После этого мне оставались лишь море, и небо, и тихая молитва на спине в лодке посреди залива — лучший вид молитвы, потому что в любую минуту можешь пойти ко дну, вполне подготовленно и законно.
До свиданья, милый мой Яков.
Письмо двенадцатое
12 ноября
О, сколько я пережил, дорогой Яков, со времени твоего последнего приезда ко мне и что мне выпало на долю! Она действительно уходит от меня, и я даже не знаю к тому, может, ни к кому, а мне даже трудно понять, в чем вся тяжесть и горечь этой перемены, этого краха наших никогда не бывших слишком уж радостными и радужными отношений. Кажется, главное здесь — моя обида, все время хочется обвинять ее в чем-то и упрекать. Между тем упрекать ее особенно не в чем. Я не мог утвердить себя в семье, не смог сделать себя нужным. Да и в любом случае — даже если она сколько-то любила меня, то ведь вполне могла за все это время и разлюбить. Даже если любила… Вот тут, наверно, главное. Хочется обвинять ее в том, что когда-то она уступила мне не любя, но я-то в конце концов мог видеть, что она просто уступает моей любви и моей настойчивости, каким-то не вполне для меня ясным домашним трудностям, мог видеть и должен был поступать как предвидящий последствия умный и взрослый человек…

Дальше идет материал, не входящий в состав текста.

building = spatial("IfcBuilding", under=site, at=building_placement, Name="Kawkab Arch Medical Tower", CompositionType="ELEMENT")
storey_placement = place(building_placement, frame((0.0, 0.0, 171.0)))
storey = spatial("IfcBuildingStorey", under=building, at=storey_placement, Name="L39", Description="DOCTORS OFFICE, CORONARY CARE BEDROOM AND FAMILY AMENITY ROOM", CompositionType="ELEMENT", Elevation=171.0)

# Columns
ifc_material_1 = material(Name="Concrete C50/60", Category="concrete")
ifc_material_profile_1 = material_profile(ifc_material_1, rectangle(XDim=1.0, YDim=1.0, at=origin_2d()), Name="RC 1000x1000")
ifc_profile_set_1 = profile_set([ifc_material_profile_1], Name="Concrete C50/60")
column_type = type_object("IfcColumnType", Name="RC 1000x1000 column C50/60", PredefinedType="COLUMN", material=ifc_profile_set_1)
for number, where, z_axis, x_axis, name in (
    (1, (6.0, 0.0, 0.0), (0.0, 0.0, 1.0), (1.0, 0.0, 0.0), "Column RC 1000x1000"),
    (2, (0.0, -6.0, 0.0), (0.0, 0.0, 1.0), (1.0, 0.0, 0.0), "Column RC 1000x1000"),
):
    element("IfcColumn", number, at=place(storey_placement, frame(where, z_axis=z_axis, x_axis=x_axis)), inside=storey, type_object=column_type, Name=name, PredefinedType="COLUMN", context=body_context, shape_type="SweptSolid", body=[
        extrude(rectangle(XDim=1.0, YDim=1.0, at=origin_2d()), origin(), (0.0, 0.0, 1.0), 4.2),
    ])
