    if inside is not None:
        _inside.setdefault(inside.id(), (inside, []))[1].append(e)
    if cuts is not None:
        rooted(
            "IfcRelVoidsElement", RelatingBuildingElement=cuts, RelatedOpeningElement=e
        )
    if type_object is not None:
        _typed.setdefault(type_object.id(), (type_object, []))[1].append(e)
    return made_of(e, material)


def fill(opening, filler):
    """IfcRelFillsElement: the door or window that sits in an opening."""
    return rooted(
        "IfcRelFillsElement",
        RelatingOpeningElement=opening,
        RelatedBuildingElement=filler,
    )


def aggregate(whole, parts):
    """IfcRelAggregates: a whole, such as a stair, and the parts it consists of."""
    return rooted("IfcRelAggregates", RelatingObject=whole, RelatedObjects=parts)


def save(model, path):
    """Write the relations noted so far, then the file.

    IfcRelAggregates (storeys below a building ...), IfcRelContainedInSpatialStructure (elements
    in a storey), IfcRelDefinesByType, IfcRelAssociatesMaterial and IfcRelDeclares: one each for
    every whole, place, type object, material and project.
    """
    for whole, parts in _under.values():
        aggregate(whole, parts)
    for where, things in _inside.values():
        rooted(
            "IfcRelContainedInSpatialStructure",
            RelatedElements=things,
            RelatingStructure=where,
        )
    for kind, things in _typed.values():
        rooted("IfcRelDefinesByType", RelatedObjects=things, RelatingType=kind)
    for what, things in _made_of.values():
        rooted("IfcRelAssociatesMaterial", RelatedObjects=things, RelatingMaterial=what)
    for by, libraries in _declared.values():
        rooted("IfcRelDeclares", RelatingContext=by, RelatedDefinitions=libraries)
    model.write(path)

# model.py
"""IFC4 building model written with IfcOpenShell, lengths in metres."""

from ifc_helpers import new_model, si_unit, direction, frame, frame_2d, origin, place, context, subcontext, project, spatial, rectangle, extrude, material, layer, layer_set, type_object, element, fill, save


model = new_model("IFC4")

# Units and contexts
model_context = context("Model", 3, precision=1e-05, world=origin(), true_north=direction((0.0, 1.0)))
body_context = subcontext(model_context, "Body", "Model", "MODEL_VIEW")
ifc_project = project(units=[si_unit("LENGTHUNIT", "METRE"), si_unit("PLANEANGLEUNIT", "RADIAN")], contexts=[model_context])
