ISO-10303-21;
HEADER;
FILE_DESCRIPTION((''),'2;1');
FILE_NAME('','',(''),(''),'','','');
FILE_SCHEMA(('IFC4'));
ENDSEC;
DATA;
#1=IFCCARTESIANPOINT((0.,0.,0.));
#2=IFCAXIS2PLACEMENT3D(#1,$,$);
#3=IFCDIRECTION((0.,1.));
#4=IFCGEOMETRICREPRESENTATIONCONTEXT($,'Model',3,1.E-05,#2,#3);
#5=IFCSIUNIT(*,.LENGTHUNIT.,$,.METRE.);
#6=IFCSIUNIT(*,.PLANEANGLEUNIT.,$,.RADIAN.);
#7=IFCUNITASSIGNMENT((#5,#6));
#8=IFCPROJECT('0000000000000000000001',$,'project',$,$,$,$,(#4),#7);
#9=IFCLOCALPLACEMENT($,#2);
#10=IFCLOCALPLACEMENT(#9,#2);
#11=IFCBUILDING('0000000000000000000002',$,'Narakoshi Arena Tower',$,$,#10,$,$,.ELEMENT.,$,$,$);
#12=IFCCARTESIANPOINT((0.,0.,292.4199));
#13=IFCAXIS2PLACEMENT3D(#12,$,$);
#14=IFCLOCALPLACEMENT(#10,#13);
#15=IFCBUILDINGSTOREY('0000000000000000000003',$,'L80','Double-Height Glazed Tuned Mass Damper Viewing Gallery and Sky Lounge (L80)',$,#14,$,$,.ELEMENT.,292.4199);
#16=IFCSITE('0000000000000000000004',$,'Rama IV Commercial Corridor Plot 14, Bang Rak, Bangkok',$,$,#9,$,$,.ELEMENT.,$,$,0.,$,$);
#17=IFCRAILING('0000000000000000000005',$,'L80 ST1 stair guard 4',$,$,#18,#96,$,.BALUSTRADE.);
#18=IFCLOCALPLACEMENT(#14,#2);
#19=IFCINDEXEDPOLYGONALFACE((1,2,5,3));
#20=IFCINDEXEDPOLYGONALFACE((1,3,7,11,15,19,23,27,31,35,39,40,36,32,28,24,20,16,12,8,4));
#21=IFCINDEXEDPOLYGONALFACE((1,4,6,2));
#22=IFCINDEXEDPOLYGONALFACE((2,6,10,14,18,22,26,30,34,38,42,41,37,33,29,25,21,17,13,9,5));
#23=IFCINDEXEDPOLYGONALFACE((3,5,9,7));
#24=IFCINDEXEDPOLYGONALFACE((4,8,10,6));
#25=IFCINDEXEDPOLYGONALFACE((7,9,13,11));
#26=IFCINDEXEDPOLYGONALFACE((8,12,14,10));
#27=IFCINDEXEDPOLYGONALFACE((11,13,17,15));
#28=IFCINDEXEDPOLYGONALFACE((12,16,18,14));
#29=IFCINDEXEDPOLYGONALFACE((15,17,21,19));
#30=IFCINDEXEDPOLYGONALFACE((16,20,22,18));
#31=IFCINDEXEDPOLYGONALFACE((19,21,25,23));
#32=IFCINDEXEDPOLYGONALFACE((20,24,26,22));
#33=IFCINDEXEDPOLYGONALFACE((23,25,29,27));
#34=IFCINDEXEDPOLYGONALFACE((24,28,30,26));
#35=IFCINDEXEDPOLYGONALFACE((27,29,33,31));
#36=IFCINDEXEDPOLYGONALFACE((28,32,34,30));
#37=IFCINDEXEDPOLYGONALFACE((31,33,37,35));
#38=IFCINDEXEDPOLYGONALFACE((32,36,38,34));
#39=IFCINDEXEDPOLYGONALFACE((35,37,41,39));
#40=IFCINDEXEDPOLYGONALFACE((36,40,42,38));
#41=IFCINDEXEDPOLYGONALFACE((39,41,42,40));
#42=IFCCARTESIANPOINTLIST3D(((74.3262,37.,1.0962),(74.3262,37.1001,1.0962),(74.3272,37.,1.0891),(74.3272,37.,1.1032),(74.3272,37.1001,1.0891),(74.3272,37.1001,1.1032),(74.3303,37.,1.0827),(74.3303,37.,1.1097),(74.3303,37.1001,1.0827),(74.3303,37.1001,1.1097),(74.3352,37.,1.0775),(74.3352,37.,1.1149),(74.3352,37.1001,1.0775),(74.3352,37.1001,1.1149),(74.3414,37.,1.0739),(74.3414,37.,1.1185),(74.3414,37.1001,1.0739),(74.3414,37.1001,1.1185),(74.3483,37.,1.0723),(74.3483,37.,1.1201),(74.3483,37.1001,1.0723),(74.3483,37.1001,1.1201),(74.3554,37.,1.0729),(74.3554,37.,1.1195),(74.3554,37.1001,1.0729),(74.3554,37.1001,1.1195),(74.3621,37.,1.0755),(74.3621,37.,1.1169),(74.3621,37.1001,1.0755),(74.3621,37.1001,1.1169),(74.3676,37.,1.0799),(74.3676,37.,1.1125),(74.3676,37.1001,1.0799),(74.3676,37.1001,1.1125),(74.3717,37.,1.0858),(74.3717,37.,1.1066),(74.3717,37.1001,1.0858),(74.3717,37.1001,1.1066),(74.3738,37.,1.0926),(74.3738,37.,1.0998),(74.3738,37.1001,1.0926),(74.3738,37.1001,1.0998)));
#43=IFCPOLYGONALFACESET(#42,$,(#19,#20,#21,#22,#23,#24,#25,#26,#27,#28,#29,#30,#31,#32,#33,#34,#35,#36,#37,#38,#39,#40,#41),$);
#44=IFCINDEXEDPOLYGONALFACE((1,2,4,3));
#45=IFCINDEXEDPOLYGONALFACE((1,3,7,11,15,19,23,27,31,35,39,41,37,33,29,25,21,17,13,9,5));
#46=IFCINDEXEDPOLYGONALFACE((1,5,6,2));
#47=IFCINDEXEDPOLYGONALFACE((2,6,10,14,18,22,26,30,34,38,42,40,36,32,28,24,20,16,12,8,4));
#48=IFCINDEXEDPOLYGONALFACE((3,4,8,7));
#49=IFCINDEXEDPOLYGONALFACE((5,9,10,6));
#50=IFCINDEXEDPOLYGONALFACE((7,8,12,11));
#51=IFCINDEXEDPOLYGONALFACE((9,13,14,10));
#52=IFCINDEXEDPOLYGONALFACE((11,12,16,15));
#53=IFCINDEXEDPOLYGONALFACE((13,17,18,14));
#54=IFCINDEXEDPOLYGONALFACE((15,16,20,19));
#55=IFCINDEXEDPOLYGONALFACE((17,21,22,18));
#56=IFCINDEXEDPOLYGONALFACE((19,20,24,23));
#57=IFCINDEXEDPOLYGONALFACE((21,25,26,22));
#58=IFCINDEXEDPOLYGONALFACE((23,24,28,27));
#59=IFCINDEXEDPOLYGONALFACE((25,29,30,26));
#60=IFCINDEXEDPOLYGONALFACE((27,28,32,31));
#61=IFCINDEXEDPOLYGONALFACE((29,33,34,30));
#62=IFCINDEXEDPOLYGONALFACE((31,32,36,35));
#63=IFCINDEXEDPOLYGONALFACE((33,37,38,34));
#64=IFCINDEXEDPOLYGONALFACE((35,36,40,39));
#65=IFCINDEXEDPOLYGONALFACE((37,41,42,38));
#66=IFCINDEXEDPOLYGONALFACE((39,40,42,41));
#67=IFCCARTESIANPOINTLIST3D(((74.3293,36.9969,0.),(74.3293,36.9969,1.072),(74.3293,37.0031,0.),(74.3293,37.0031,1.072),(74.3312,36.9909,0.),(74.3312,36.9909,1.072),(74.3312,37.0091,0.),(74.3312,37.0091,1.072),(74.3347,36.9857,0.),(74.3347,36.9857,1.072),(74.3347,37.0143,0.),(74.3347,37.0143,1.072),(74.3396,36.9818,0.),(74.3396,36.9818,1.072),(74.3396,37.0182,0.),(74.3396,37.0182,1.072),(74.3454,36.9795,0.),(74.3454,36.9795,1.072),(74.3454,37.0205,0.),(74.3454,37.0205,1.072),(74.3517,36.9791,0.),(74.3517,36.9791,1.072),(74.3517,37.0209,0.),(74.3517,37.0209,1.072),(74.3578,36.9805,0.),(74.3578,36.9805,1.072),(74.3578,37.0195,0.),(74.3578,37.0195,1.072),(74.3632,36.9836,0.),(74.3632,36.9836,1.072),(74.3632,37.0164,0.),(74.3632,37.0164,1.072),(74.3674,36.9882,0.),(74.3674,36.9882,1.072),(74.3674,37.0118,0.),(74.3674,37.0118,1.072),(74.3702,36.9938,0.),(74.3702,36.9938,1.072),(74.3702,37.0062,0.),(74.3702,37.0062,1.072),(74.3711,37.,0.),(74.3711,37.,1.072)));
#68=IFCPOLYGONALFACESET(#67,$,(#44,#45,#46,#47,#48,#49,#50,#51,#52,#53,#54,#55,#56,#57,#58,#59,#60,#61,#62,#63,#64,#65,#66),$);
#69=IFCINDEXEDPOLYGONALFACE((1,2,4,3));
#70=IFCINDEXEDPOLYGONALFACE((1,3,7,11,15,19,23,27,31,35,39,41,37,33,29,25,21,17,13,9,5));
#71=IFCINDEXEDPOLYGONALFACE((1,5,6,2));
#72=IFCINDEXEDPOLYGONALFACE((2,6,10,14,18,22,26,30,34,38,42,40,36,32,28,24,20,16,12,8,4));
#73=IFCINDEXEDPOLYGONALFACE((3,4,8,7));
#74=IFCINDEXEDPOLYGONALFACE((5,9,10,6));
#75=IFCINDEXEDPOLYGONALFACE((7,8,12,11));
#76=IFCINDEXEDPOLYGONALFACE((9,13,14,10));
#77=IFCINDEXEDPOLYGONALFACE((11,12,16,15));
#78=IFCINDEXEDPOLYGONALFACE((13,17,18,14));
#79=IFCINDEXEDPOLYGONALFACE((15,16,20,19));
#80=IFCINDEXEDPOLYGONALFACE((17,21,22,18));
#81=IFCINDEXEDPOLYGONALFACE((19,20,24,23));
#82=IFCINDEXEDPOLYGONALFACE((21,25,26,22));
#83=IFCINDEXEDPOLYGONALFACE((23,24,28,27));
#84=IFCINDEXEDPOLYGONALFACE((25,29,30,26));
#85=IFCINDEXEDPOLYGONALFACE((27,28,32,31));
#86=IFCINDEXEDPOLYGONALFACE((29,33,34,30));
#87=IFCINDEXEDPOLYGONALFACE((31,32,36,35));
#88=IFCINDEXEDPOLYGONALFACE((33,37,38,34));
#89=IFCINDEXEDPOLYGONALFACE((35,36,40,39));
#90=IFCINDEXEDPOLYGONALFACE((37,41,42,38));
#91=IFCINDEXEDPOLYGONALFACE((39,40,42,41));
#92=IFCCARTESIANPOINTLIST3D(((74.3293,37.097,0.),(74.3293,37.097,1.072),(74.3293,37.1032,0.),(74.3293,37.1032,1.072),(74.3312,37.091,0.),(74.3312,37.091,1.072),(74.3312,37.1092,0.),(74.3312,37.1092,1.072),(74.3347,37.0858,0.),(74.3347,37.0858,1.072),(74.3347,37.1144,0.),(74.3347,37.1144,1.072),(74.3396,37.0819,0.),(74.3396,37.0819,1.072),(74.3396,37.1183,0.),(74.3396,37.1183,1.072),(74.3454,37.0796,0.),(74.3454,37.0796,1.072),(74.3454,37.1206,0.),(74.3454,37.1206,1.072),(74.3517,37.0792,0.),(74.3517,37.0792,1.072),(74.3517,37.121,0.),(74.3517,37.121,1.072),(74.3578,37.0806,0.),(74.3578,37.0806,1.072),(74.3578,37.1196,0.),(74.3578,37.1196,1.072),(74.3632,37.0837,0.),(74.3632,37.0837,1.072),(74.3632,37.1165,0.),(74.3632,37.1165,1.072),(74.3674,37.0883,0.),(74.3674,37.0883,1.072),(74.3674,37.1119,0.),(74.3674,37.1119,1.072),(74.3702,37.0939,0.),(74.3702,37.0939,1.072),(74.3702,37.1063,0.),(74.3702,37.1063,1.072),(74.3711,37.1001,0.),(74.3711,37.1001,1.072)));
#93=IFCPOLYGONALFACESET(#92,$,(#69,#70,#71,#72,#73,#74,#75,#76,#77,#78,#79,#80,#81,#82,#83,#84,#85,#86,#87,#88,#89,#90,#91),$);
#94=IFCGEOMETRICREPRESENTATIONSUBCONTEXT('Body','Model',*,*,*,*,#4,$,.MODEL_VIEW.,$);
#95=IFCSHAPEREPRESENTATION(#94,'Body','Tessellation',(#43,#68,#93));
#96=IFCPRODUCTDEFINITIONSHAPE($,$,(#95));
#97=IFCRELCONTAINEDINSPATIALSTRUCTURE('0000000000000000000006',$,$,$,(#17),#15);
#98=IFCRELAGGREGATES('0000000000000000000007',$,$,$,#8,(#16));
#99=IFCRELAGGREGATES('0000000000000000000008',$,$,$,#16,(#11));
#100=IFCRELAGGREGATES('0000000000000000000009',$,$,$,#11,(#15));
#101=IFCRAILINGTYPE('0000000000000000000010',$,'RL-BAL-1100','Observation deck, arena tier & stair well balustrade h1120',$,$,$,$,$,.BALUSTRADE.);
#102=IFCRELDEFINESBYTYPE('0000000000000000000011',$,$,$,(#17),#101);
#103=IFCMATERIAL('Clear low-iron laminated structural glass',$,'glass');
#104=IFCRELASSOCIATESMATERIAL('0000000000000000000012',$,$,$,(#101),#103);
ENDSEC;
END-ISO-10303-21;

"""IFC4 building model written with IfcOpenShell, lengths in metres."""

from ifc_helpers import new_model, si_unit, direction, frame, origin, origin_2d, place, context, subcontext, project, spatial, circle, extrude, material, type_object, element, save


model = new_model("IFC4")

# Units and contexts
model_context = context("Model", 3, precision=1e-05, world=origin(), true_north=direction((0.0, 1.0)))
body_context = subcontext(model_context, "Body", "Model", "MODEL_VIEW")
ifc_project = project(units=[si_unit("LENGTHUNIT", "METRE"), si_unit("PLANEANGLEUNIT", "RADIAN")], contexts=[model_context])

# Site, building, storey
site_placement = place(None, origin())
site = spatial("IfcSite", under=ifc_project, at=site_placement, Name="Rama IV Commercial Corridor Plot 14, Bang Rak, Bangkok", CompositionType="ELEMENT", RefElevation=0.0)
building_placement = place(site_placement, origin())
building = spatial("IfcBuilding", under=site, at=building_placement, Name="Narakoshi Arena Tower", CompositionType="ELEMENT")
storey_placement = place(building_placement, frame((0.0, 0.0, 292.4199)))
storey = spatial("IfcBuildingStorey", under=building, at=storey_placement, Name="L80", Description="Double-Height Glazed Tuned Mass Damper Viewing Gallery and Sky Lounge (L80)", CompositionType="ELEMENT", Elevation=292.4199)

# Railing
ifc_material_1 = material(Name="Clear low-iron laminated structural glass", Category="glass")
railing_type_1 = type_object("IfcRailingType", Name="RL-BAL-1100", Description="Observation deck, arena tier & stair well balustrade h1120", PredefinedType="BALUSTRADE", material=ifc_material_1)
railing_1_placement = place(storey_placement, frame((74.3501, 37.0, 0.0)))
element("IfcRailing", 1, at=railing_1_placement, inside=storey, type_object=railing_type_1, Name="L80 ST1 stair guard 4", PredefinedType="BALUSTRADE", context=body_context, shape_type="SweptSolid", body=[
    extrude(circle(Radius=0.0239, at=origin_2d()), frame((0.0, 0.0, 1.0962), z_axis=(0.0, 1.0, 0.0), x_axis=(-1.0, 0.0, 0.0)), (0.0, 0.0, 1.0), 0.1001),
    extrude(circle(Radius=0.021, at=origin_2d()), origin(), (0.0, 0.0, 1.0), 1.072),
    extrude(circle(Radius=0.021, at=origin_2d()), frame((0.0, 0.1001, 0.0)), (0.0, 0.0, 1.0), 1.072),
])

save(model, "model.ifc")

В моей нынешней обиде нет смысла, она ничего не объясняет и вовсе уж ничего не может дать на будущее. Наверное, лучше было бы учесть какие-то свои ошибки, разобраться в своей вине. Но и в этом мало смысла, дорогой Яков, потому что вина моя совершенно очевидна — перед ней, перед собой, перед ребенком. Смысл и спасение теперь, наверное, в том, чтобы обрести наконец какие-то устойчивые ценности в этом мире. Ценности, не подверженные тлену, не зависящие от колебания цен, от женского каприза или собственного сердечного недомогания. Ценности внутренние. Это бесспорно. Но как? Я уже понял, что их не дает просвещение. Их обретают в ясности духа, в ровном и незлобивом движении к небытию, в сгорании без непристойного отчаянья и обид.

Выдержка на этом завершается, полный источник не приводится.